To test the changes I updated the Dockerfile you provided to copy a local telegraf binary:

FROM centos:7

COPY files/influxdb.repo /etc/yum.repos.d

RUN mkdir -p /var/log/apache2 \
    && adduser apache2 \
    && touch /var/log/apache2/error_log \
    && chmod 711 /var/log/apache2/ \
    && chmod 644 /var/log/apache2/error_log \
    && echo "example,result=ok value=1i" >> /var/log/apache2/error_log \
    && echo "example,result=ok value=2i" >> /var/log/apache2/error_log \
    && echo "example,result=ok value=3i" >> /var/log/apache2/error_log \
    && echo "example,result=error value=3i" >> /var/log/apache2/error_log
RUN adduser telegraf
USER telegraf
COPY files/telegraf.conf /etc/telegraf/telegraf.conf
COPY files/telegraf /usr/bin/telegraf

ENTRYPOINT ["/usr/bin/telegraf", "-config", "/etc/telegraf/telegraf.conf", "-config-directory", "/etc/telegraf/telegraf.d", "--debug", "--test-wait", "10"]

New expected results:

2021-08-20T14:27:48Z I! Starting Telegraf 
2021-08-20T14:27:48Z W! Telegraf is not permitted to read /etc/telegraf/telegraf.d
2021-08-20T14:27:48Z D! [agent] Initializing plugins
2021-08-20T14:27:48Z D! [agent] Starting service inputs
2021-08-20T14:27:48Z E! [inputs.tail] Failed to match for filepath "/var/log/apache2/error_log": open /var/log/apache2: permission denied
2021-08-20T14:27:48Z E! [inputs.tail] Failed to match for filepath "/var/log/apache2/error_log": open /var/log/apache2: permission denied
2021-08-20T14:27:58Z D! [agent] Stopping service inputs
2021-08-20T14:27:58Z D! [agent] Input channel closed
2021-08-20T14:27:58Z D! [agent] Stopped Successfully
2021-08-20T14:27:58Z E! [telegraf] Error running agent: input plugins recorded 2 errors
hluaces commented 3 years ago

I've managed to try that on my end and the error reporting works as expected, thank you very much for your work. I was able to see how telegraf reported the errors exactly as you've shown in your example.

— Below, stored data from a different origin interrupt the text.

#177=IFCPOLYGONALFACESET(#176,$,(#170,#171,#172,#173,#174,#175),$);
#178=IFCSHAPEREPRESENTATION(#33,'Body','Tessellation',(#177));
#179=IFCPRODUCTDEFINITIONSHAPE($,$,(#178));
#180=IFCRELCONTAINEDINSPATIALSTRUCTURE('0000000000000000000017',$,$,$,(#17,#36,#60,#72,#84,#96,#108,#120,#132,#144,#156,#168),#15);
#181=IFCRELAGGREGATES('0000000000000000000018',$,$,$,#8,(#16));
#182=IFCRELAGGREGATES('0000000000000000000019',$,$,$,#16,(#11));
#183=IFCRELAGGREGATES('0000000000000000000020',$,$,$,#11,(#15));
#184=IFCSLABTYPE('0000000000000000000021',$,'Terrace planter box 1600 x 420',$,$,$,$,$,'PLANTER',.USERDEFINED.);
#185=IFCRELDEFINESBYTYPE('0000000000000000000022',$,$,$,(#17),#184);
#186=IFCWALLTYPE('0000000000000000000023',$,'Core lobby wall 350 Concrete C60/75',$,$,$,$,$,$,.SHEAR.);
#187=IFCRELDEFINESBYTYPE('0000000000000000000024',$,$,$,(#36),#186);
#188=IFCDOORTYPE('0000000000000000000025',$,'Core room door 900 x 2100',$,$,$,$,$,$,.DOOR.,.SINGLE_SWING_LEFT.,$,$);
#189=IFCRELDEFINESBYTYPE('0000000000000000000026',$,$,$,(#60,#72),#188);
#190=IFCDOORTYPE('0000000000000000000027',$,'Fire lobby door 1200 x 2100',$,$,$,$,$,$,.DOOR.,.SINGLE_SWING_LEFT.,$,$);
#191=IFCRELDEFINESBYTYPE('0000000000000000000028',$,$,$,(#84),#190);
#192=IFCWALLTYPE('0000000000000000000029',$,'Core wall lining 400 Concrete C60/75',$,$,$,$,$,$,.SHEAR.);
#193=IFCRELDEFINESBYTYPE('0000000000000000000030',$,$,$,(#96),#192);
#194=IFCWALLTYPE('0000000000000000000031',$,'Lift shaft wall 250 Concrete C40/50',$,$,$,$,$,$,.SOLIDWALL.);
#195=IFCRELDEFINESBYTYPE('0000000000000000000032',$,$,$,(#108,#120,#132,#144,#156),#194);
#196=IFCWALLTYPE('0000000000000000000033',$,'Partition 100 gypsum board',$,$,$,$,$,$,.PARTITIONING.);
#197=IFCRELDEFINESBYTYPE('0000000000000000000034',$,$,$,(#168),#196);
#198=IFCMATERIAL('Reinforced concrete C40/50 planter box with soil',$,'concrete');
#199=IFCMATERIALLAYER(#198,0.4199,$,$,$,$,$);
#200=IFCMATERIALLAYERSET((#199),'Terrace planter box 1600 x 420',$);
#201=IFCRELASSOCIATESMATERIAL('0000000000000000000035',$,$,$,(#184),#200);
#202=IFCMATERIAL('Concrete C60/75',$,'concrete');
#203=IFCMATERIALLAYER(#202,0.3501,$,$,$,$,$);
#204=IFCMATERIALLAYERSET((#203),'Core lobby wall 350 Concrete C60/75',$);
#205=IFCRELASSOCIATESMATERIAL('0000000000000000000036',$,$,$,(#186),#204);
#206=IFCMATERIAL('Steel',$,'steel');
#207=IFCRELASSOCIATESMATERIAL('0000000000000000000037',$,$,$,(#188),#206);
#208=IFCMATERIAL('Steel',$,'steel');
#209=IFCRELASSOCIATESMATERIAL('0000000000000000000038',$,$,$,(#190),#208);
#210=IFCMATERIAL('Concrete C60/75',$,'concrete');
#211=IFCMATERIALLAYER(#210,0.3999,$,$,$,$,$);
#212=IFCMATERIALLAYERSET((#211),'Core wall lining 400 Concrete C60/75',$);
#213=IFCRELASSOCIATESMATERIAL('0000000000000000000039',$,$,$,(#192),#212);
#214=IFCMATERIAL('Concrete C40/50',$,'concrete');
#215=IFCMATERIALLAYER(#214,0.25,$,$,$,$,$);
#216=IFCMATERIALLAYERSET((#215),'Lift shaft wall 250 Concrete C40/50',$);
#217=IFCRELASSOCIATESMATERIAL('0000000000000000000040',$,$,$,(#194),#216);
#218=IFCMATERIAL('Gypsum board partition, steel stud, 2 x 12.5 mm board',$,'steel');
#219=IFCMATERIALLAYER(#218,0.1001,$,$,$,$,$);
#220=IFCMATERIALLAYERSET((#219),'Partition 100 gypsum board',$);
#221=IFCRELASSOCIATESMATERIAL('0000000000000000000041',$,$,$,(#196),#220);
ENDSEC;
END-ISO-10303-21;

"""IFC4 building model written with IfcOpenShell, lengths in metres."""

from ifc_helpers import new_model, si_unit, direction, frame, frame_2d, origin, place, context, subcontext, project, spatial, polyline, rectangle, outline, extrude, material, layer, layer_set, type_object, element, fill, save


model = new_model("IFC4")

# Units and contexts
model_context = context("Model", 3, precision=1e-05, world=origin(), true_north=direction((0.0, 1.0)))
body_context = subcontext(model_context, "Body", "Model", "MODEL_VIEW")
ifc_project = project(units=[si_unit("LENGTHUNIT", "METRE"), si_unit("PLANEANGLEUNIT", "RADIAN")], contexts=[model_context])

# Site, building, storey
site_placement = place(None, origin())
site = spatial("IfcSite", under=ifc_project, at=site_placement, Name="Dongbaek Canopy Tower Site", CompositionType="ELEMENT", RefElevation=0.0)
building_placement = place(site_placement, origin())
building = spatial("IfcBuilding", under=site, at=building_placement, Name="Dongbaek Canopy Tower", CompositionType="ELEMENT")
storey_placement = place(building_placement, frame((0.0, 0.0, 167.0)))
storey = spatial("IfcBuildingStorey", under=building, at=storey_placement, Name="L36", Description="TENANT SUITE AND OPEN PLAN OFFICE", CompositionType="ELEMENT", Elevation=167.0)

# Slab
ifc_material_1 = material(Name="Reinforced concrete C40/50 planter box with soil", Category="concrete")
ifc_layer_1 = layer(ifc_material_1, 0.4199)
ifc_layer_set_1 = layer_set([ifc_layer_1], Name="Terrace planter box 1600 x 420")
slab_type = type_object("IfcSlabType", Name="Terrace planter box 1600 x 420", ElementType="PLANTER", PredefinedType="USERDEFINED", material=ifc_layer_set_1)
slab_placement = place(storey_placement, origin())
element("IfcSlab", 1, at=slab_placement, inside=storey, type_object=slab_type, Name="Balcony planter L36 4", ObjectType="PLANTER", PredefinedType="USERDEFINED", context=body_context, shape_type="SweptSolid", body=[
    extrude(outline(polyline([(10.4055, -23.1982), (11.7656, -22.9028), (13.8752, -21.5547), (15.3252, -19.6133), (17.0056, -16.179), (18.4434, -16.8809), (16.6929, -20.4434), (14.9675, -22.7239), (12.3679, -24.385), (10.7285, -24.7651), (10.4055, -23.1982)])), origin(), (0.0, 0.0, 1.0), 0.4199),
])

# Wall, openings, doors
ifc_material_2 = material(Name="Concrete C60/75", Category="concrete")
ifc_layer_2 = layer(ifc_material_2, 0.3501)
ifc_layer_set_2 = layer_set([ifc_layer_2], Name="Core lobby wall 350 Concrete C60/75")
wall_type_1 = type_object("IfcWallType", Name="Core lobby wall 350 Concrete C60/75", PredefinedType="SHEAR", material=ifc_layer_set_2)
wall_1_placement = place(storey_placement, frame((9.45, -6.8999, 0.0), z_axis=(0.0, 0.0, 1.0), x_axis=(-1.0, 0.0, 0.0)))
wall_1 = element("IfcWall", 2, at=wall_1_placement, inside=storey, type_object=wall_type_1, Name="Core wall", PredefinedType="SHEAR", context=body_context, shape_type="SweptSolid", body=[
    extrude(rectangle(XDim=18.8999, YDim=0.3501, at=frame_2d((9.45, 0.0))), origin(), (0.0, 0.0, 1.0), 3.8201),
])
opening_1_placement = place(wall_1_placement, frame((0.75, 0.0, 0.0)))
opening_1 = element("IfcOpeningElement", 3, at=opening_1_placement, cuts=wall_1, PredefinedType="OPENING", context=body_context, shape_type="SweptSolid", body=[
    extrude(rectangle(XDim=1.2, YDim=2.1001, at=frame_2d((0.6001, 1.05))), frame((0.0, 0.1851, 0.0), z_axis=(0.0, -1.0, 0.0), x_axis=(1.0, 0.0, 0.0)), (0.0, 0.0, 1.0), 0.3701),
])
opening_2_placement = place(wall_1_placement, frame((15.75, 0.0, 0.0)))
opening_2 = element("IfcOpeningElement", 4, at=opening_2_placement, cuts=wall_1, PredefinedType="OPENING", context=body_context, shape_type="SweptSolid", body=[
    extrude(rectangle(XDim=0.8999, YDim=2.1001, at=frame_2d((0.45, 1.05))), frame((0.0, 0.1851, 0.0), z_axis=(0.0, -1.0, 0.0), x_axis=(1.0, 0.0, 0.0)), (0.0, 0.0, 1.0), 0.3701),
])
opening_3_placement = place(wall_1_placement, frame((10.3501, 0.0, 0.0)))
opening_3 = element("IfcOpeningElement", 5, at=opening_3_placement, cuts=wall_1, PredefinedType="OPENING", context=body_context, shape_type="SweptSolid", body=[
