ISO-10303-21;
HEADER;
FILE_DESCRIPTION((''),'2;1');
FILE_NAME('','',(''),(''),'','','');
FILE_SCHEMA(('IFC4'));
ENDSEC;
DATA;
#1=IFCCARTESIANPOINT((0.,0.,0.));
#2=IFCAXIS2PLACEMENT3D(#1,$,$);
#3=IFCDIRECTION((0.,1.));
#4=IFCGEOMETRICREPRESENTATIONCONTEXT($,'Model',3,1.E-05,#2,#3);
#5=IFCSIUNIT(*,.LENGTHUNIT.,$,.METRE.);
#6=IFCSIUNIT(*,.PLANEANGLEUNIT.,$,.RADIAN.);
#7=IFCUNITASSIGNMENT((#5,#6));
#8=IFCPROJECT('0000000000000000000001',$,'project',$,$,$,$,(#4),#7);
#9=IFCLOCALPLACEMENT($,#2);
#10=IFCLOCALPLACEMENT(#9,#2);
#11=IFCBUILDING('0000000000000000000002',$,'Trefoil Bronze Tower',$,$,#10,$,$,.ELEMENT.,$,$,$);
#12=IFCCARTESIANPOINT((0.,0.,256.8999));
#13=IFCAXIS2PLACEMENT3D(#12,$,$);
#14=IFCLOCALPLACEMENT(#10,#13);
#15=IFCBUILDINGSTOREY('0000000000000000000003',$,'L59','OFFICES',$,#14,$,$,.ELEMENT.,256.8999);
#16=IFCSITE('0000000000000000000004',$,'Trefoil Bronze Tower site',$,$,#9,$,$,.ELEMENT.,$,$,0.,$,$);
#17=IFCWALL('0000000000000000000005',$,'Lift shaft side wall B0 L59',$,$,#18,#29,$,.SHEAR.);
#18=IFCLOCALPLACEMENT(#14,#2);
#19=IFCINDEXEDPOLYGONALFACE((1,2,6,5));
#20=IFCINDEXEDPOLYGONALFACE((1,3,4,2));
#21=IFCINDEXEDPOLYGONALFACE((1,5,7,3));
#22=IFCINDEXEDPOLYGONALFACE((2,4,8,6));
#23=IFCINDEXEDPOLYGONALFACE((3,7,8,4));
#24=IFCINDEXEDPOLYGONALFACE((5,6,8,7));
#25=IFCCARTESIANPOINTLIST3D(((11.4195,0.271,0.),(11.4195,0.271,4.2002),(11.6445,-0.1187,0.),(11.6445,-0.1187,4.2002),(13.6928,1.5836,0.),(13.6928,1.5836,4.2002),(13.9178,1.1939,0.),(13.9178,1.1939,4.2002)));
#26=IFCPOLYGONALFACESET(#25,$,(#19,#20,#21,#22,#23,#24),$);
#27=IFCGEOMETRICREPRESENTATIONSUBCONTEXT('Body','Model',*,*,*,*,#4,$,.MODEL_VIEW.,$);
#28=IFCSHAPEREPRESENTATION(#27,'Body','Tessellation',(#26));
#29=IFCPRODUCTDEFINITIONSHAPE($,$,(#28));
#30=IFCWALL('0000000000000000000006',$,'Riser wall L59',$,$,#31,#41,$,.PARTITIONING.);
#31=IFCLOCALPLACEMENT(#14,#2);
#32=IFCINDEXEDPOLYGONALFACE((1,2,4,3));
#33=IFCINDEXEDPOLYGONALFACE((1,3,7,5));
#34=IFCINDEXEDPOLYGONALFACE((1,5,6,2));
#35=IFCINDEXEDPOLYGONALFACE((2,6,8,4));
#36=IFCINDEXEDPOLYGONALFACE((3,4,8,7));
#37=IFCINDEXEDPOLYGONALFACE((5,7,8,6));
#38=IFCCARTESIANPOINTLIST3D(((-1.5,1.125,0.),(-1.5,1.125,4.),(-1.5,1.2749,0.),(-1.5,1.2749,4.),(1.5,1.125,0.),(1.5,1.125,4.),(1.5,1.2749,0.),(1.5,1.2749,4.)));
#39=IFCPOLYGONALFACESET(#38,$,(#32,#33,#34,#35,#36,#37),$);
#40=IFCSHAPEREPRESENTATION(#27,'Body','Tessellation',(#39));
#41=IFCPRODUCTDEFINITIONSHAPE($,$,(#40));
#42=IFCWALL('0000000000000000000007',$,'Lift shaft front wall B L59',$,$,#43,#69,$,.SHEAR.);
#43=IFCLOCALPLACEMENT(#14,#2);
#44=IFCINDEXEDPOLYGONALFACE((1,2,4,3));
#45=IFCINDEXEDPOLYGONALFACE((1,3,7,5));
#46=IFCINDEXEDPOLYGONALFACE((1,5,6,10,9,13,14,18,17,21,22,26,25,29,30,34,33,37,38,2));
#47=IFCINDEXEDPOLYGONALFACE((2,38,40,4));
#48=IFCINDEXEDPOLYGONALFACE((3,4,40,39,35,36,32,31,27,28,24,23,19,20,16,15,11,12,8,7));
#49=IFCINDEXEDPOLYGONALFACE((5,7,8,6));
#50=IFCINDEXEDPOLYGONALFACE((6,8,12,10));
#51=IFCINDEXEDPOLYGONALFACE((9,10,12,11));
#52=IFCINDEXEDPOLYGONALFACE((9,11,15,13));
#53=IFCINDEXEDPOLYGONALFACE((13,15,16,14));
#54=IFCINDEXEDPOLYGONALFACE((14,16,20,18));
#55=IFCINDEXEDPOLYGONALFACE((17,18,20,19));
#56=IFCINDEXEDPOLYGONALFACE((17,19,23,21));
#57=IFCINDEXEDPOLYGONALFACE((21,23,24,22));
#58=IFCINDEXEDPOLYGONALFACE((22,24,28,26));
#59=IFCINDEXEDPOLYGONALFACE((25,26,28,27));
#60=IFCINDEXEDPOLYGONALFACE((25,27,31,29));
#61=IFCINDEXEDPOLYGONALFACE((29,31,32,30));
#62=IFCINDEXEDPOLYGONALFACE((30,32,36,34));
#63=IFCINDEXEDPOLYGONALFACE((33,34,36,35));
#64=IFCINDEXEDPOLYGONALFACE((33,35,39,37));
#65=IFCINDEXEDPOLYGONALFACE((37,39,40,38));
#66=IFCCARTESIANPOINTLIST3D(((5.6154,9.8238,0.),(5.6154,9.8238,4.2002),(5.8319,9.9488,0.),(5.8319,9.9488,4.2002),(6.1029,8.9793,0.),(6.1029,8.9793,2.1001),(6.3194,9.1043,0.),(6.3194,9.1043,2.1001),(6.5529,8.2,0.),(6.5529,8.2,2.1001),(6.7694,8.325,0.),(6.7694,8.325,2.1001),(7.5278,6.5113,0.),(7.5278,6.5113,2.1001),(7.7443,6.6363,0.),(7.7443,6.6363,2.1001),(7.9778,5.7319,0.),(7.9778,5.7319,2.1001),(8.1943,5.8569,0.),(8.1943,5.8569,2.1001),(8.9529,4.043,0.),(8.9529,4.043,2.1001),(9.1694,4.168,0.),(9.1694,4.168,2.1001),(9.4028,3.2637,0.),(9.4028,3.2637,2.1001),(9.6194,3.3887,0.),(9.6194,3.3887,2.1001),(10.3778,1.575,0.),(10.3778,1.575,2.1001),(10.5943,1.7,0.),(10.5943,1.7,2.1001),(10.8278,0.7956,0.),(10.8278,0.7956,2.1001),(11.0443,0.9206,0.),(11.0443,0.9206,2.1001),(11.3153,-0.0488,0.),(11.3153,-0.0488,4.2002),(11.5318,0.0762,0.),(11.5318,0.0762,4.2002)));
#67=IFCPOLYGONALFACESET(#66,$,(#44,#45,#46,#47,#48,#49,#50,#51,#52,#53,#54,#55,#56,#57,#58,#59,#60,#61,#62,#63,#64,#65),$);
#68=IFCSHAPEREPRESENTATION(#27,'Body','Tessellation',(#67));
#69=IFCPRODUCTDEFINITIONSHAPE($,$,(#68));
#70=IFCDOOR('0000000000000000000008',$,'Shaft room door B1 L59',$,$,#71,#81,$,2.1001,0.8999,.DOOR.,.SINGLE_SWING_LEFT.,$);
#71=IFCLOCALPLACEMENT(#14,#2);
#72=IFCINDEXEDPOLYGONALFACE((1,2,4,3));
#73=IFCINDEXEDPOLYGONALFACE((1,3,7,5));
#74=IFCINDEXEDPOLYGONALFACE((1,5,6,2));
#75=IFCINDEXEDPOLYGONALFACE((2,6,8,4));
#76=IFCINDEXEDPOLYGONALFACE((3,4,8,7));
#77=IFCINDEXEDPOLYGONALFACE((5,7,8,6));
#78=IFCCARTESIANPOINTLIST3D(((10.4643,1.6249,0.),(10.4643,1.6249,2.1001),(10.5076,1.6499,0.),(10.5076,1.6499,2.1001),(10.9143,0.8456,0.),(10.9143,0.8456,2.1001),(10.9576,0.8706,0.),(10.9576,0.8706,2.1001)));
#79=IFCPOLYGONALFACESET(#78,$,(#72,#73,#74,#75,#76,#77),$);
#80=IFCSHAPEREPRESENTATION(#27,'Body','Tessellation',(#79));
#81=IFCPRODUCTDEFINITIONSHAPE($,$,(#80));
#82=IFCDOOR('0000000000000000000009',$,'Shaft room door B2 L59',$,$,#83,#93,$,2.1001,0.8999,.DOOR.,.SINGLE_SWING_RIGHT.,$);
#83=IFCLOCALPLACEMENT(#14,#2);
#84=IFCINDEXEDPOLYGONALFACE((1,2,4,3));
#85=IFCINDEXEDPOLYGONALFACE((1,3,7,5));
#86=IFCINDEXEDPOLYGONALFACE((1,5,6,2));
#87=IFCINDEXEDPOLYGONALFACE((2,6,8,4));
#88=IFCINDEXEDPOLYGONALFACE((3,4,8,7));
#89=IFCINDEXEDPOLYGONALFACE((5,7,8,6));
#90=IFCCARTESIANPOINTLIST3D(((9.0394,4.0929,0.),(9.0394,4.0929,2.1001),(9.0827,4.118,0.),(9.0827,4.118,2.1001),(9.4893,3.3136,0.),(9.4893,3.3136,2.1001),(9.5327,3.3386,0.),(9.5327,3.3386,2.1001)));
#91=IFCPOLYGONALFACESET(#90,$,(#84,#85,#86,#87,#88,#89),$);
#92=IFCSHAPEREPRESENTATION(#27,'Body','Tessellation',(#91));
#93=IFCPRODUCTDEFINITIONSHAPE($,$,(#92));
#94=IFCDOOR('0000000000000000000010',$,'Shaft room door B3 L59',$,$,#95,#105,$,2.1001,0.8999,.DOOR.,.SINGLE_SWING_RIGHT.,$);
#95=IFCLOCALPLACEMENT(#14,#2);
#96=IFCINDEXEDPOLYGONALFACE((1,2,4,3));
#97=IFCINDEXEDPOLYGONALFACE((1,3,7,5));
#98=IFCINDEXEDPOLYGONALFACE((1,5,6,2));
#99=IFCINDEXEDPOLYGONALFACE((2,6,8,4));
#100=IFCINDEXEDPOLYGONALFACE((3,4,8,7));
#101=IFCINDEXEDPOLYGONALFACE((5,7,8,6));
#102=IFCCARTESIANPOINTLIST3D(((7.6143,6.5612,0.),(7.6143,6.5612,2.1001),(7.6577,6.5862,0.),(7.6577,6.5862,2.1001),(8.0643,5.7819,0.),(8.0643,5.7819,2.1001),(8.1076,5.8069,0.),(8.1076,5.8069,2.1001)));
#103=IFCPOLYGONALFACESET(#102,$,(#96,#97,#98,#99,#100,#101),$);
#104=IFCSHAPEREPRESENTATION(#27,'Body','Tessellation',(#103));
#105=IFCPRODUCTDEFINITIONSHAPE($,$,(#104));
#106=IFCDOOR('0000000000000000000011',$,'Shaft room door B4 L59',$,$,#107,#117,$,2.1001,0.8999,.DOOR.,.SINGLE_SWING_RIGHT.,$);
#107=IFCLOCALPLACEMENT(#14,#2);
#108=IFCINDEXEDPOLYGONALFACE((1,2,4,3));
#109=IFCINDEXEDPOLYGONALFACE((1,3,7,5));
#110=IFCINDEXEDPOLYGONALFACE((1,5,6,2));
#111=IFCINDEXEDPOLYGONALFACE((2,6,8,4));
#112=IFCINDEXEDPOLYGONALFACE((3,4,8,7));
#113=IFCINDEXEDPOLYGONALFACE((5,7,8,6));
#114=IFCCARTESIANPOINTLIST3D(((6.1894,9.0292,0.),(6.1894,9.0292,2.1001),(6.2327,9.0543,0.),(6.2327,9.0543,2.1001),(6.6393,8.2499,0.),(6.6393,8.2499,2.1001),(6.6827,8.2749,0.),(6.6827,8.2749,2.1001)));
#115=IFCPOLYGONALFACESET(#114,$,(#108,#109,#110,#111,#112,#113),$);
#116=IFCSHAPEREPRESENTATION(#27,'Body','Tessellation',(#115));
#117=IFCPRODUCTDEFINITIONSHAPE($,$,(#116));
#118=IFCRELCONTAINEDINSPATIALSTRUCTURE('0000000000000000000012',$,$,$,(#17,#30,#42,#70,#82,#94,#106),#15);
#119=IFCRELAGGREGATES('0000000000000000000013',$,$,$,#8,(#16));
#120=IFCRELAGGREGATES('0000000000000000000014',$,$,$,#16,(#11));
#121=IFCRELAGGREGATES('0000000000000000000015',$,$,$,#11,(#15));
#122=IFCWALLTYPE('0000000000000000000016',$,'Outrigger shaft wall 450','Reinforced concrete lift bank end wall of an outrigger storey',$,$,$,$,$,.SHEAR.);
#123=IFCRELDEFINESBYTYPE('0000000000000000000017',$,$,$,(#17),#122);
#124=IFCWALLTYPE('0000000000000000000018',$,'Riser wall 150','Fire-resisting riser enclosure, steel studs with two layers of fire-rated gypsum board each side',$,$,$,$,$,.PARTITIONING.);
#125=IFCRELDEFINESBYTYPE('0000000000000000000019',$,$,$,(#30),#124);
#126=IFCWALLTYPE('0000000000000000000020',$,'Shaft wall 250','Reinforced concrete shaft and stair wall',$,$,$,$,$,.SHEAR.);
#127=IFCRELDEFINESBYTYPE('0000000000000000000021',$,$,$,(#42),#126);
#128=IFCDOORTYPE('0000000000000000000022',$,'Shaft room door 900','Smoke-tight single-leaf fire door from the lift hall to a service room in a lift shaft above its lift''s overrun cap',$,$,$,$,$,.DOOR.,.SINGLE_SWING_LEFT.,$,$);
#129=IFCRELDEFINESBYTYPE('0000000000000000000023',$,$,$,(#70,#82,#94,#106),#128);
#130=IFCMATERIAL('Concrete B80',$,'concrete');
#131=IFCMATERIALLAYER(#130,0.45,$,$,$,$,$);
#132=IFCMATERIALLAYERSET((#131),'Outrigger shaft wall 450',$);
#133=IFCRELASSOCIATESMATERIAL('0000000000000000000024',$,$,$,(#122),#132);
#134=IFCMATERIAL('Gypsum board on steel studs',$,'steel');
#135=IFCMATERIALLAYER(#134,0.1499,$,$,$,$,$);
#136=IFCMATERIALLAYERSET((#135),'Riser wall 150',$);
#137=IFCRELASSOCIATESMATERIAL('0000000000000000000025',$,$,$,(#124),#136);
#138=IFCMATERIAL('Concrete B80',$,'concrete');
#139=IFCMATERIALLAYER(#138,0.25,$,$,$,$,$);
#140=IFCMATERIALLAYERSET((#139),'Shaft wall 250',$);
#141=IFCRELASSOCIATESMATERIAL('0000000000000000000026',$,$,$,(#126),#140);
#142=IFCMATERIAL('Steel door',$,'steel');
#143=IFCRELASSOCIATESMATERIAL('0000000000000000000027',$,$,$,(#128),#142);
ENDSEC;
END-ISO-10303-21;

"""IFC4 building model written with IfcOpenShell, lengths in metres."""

from ifc_helpers import new_model, si_unit, direction, frame, frame_2d, origin, place, context, subcontext, project, spatial, rectangle, extrude, material, layer, layer_set, type_object, element, fill, save


model = new_model("IFC4")

# Units and contexts
model_context = context("Model", 3, precision=1e-05, world=origin(), true_north=direction((0.0, 1.0)))
body_context = subcontext(model_context, "Body", "Model", "MODEL_VIEW")
ifc_project = project(units=[si_unit("LENGTHUNIT", "METRE"), si_unit("PLANEANGLEUNIT", "RADIAN")], contexts=[model_context])

# Site, building, storey
site_placement = place(None, origin())
site = spatial("IfcSite", under=ifc_project, at=site_placement, Name="Trefoil Bronze Tower site", CompositionType="ELEMENT", RefElevation=0.0)
building_placement = place(site_placement, origin())
building = spatial("IfcBuilding", under=site, at=building_placement, Name="Trefoil Bronze Tower", CompositionType="ELEMENT")
storey_placement = place(building_placement, frame((0.0, 0.0, 256.8999)))
storey = spatial("IfcBuildingStorey", under=building, at=storey_placement, Name="L59", Description="OFFICES", CompositionType="ELEMENT", Elevation=256.8999)

# Walls
ifc_material_1 = material(Name="Concrete B80", Category="concrete")
ifc_layer_1 = layer(ifc_material_1, 0.45)
ifc_layer_set_1 = layer_set([ifc_layer_1], Name="Outrigger shaft wall 450")
wall_type_1 = type_object("IfcWallType", Name="Outrigger shaft wall 450", Description="Reinforced concrete lift bank end wall of an outrigger storey", PredefinedType="SHEAR", material=ifc_layer_set_1)
wall_1_placement = place(storey_placement, frame((11.532, 0.0762, 0.0), z_axis=(0.0, 0.0, 1.0), x_axis=(0.866014, 0.50002, 0.0)))
element("IfcWall", 1, at=wall_1_placement, inside=storey, type_object=wall_type_1, Name="Lift shaft side wall B0 L59", PredefinedType="SHEAR", context=body_context, shape_type="SweptSolid", body=[
    extrude(rectangle(XDim=2.625, YDim=0.45, at=frame_2d((1.3125, 0.0))), origin(), (0.0, 0.0, 1.0), 4.2002),
])
ifc_material_2 = material(Name="Gypsum board on steel studs", Category="steel")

Nevertheless, I'd like to bring attention to the fact that the telegraf user is able to read that file:

bash-4.2$ whoami
telegraf

bash-4.2$ namei -om /var/log/apache2/error_log
f: /var/log/apache2/error_log
 drwxr-xr-x root root /
 drwxr-xr-x root root var
 drwxr-xr-x root root log
 drwx--x--x root root apache2
 -rw-r--r-- root root error_log

bash-4.2$ tail /var/log/apache2/error_log
example,result=ok value=1i
example,result=ok value=2i
example,result=ok value=3i
example,result=error value=3i

As you can see my issue raised two problems:

I suposse that's because, at some point, the underlying library thinks that a directory without a read permission is not able to be read, which is not the case, as one with only execution permissions does indeed allow to read files inside which have the proper permissions configuration.

Maybe my issue was not clear. I apologize if that was the case.